Tuttle herself said she’s heard, through her conversations with fellow artists and gallerist friends, of an uptick in outdoor shows—specifically billboard shows, and ways of commissioning different types of artists for group exhibitions utilizing formats that are already outside. But the artist noted that interest in digital art specifically has experienced more of a rise during the pandemic.

“They seem so different, but I think they’re actually two sides of the same coin,” she noted. “Digital art is the unphysical, and outdoor art does, I think, involve the body. It’s a question of access—and in this period, these are the two spaces that people are able to access.”

Iron Tree, Ai Weiwei (B. 1957), featured in the group show “Dream Big.” Courtesy of Christie’s.

For Christie’s, restrictions on how the auction house could mount a sale and ship works to buyers led to “Dream Big,” which is the first of its kind, Christie’s global head of private sales Adrien Meyer explained. Prior to “Dream Big,” (which exists online and features works by Ai Weiwei, Keith Haring, Niki de Saint Phalle, and Jeff Koons), clients would come into Christie’s galleries in New York, London, and Hong Kong in a one-to-one way—they’d view a picture behind closed doors. This approach obviously wasn’t as cost-effective as hosting a virtual show. So for its premiere online offering, Christie’s chose to feature the most monumental (and most challenging to ship) large, outdoor sculptures.

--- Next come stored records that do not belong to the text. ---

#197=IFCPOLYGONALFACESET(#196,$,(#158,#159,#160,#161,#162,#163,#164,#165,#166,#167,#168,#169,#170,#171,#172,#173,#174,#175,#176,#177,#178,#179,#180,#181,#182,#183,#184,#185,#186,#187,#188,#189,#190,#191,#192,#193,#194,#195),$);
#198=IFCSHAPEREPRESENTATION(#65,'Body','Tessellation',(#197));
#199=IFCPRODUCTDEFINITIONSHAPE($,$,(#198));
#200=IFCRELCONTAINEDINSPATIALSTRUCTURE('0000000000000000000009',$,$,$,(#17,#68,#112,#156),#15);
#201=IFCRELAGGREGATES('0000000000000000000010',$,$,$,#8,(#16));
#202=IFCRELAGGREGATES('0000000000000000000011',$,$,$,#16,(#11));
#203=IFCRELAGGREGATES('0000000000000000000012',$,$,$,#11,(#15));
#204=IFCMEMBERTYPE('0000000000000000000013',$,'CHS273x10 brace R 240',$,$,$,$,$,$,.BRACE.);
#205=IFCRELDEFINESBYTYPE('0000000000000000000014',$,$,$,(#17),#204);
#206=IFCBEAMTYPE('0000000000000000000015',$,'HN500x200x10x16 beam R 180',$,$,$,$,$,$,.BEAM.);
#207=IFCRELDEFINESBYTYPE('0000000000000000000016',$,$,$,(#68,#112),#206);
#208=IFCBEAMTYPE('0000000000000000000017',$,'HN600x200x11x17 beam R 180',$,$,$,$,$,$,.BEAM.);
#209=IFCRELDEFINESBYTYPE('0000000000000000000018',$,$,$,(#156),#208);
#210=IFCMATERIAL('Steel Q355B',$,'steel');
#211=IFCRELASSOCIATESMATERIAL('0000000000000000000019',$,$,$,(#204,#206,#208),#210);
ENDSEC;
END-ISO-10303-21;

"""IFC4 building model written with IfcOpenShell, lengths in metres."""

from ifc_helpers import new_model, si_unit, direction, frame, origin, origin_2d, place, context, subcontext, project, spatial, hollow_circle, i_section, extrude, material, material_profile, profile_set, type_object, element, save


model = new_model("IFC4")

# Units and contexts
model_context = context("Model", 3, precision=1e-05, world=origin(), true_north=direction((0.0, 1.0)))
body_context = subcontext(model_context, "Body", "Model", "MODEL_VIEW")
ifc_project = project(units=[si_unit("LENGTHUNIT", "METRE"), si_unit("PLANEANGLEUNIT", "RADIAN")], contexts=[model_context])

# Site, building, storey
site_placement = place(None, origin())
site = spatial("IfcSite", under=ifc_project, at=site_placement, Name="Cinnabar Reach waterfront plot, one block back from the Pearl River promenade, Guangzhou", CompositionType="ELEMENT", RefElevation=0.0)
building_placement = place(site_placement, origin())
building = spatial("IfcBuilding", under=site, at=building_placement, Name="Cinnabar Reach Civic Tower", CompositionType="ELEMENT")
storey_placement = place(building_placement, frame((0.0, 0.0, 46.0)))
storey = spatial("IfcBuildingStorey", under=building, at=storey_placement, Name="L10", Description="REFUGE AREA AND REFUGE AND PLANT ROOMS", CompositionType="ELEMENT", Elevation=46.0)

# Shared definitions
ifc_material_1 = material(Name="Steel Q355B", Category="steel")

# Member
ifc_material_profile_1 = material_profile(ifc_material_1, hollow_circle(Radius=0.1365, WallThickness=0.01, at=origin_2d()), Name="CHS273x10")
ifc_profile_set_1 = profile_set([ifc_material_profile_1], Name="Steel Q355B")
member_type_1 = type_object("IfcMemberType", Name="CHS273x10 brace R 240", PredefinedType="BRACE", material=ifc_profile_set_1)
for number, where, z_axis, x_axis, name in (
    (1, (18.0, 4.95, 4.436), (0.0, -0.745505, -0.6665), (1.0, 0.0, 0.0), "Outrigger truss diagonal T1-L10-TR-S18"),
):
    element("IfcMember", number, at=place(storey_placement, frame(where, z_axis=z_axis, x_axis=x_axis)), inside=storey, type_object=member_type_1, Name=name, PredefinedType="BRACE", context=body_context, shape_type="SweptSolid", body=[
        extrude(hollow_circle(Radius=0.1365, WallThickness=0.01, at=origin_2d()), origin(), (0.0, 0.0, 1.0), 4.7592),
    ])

The sale comes at an interesting time, when Christie’s core clientele is largely fleeing the various cities in which they live for their summer homes in the country. “The exhibition has triggered the curiosity of clients at a moment when they were probably reconsidering their personal environment more than ever before,” Meyer said, adding that the price point for these works range between “a hundred thousand to 10 million.” “These challenges encouraged us to find easier ways to do business, funnily enough.”

Piece by Jennie C. Jones, featured in the group show “Ground/work.” Courtesy of the Clark Art Institute.

In Western Massachusetts, the Hudson, New York-based minimalist artist Jennie C. Jones is part of the group show at the Clark, called “Ground/work.” Although the museum has featured artists on its outdoor grounds in the past, it’s never held a full show outside. Like Tuttle, Jones’ experience making art that would live outdoors was a complete contrast from her usual work.

“I am a bit old-fashioned in the sense that I don’t have assistance, that my work is made with my hands,” she said. “I’m very insular, very private and so outdoor work or work that’s upscaled starts to demand having a team to work with. That was a new experience I definitely would like to do again.”

The “Ground/work” exhibition, which opens in fall, features all women artists, including Analia Saban, Haegue Yang, and Nairy Baghramian—and work that is “site-responsive,” in other words, reactive to the space around it. Jones’ pieces for “Ground/work”—long, curving walls that interact with the Tadao Ando Wing and resemble something of a miniature amphitheater—echo the look of her paintings. In a way, it allows the artist an expanded manner in which she can deliver her message.

“It also allowed the Clark to take the first step into working with contemporary art,” Jones added. “Outdoor sculpture has always been a public art game, for lack of a better word. It’s attached to a city budget or an institution wanting to commission a giant metal thing, usually made by a guy. And I’m glad to see that go away. I’m glad to see people being really mindful about choosing artists that were going to be more conceptual and more tender about the landscape.”